Ten, jak już ustaliliśmy, dość wstydliwy dystans ma jednak swoją zaletę. Gdy już okaże się, że większość obaw była bezpodstawna, a powieść okazuje się sprawnie napisana i do tego wciągająca, to można odetchnąć z ulgą.

Na szczęście na krótko, bo „Lukier” Malwiny Pająk nie pozwala złapać oddechu.

Ani na chwilę. Powieść jest bowiem wyjątkowo dynamicznie napisana. Wydarzenia następują po sobie i chociaż brakuje tu akcji, a wydarzenia z życia bohaterek są mniej lub bardziej typowe czy codzienne, to sposób prowadzenia narracji i żywy, płynny, intensywny język prowadzi nas przez te kilkaset stron. Pająk radzi sobie doskonale z dialogami, nadając im współczesny, wulgarny rys.

Bohaterkami powieści są tutaj dwie kobiety. Julka ma 25 lat i jest barmanką.

Żeby wyrwać się z biedy sprzedaje kokainę. Anka zbliża się do czterdziestki, pracuje w agencji reklamowej, świetnie zarabia. Obie radzą sobie z mniej lub bardziej prozaicznymi problemami i robi wrażenie, jak sprawnie autorce udało się skonstruować wiarygodne bohaterki.
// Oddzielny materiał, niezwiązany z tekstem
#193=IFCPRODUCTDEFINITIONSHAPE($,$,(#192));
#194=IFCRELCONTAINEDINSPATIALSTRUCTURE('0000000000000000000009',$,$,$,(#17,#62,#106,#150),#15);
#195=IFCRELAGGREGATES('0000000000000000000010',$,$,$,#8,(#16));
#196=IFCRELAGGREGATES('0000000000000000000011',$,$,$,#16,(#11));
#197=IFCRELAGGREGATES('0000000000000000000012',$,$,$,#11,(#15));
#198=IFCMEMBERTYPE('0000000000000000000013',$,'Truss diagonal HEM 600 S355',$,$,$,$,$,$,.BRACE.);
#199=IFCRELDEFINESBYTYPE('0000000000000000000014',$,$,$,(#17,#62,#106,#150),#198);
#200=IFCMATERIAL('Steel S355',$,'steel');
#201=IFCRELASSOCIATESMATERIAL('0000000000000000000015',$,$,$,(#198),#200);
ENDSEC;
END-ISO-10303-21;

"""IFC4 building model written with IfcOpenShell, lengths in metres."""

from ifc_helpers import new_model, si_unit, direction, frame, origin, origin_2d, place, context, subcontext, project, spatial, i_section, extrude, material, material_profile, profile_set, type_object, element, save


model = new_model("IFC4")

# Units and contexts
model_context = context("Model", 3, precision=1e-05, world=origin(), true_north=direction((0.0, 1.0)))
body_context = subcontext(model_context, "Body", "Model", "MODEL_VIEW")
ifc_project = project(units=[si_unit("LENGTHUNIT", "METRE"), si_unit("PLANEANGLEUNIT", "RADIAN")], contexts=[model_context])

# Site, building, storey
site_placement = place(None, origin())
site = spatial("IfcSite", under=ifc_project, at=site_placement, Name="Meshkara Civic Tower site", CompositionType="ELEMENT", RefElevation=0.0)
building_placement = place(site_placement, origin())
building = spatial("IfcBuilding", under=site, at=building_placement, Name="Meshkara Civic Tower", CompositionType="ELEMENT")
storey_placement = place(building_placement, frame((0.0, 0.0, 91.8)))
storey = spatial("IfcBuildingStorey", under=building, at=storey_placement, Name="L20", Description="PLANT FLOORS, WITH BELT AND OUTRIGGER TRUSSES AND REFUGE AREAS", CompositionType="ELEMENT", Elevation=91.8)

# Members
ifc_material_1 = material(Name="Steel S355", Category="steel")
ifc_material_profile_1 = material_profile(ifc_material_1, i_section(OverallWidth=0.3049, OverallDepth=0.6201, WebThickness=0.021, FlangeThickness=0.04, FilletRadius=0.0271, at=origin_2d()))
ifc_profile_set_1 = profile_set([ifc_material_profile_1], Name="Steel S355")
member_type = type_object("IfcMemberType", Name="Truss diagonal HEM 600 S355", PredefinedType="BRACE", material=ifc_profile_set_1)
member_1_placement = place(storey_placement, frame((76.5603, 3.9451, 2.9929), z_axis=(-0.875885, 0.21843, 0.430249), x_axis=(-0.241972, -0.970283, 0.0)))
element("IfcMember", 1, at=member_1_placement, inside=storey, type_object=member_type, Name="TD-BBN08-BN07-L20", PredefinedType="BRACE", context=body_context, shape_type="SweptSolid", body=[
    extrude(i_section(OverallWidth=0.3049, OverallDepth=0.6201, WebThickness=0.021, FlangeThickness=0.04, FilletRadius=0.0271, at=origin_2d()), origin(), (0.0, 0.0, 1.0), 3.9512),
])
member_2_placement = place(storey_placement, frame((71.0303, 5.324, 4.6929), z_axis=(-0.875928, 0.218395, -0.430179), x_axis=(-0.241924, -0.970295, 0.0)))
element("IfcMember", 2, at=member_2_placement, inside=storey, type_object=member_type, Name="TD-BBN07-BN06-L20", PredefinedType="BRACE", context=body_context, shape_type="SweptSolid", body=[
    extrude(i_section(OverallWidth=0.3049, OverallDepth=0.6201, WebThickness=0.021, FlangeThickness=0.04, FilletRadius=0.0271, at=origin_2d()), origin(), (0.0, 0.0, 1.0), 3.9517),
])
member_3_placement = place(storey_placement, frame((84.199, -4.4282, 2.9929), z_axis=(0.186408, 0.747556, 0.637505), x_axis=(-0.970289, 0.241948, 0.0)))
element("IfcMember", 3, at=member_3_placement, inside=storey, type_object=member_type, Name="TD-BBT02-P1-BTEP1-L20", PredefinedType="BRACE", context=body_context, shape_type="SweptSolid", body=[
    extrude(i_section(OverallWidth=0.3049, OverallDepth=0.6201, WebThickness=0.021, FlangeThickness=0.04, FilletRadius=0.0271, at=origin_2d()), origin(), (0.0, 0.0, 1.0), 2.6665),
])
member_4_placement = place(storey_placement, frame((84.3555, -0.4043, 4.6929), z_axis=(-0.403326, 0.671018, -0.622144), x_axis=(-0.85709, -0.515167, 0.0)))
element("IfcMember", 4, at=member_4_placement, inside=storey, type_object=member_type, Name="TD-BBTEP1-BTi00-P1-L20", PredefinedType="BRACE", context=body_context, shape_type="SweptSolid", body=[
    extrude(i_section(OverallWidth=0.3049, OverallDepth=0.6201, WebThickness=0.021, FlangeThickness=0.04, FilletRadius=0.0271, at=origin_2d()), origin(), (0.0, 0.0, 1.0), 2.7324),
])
I to one świecą najjaśniej. Nie tylko budzą sympatię, ale w mniejszy lub większy sposób - w zależności czy w trakcie czytania jesteśmy bardziej na życiowym etapie Julki czy Anki - możemy się z nimi utożsamiać. Niestety, bohaterki trzymają przy fabule i dobrze, bo ta jest niestety dość powierzchowna i wydaje się, jakby była jedynie pretekstem do namalowania portretu współczesnych kobiet.

Świadczyć może o tym chociażby samo zestawienie sukcesu i porażki, a może raczej próby wyjścia z życiowego klinczu. Bohaterki pochodzą z innych światów, mają zupełnie inny status, ale ich problemy wydają się dość podobne. Niezbyt podoba mi się to, jak oba te światy zostały ze sobą skonfrontowane. Nie mówiąc już nawet, że nie jest to zbyt oryginalne, nie do końca dostrzegam, jak ten kontrast ma służyć powieści i co realnie do niej wnosi. Podobny problem mam z językiem, który chociaż sprawny i dynamiczny, nie wydaje się mieć aspiracji do czegoś więcej poza naśladownictwem.

Mimo tego „Lukier” to udany debiut.

REKLAMA

Autorka nie tylko jest w stanie połączyć lekkość stylu z zupełnie poważnymi problemami swoich bohaterek, ale również oddać naturę małych i banalnych kryzysów w sposób tak empatyczny, że nie pozostawiający miejsca na obojętność, a jednocześnie nie wpada w tani melodramatyzm.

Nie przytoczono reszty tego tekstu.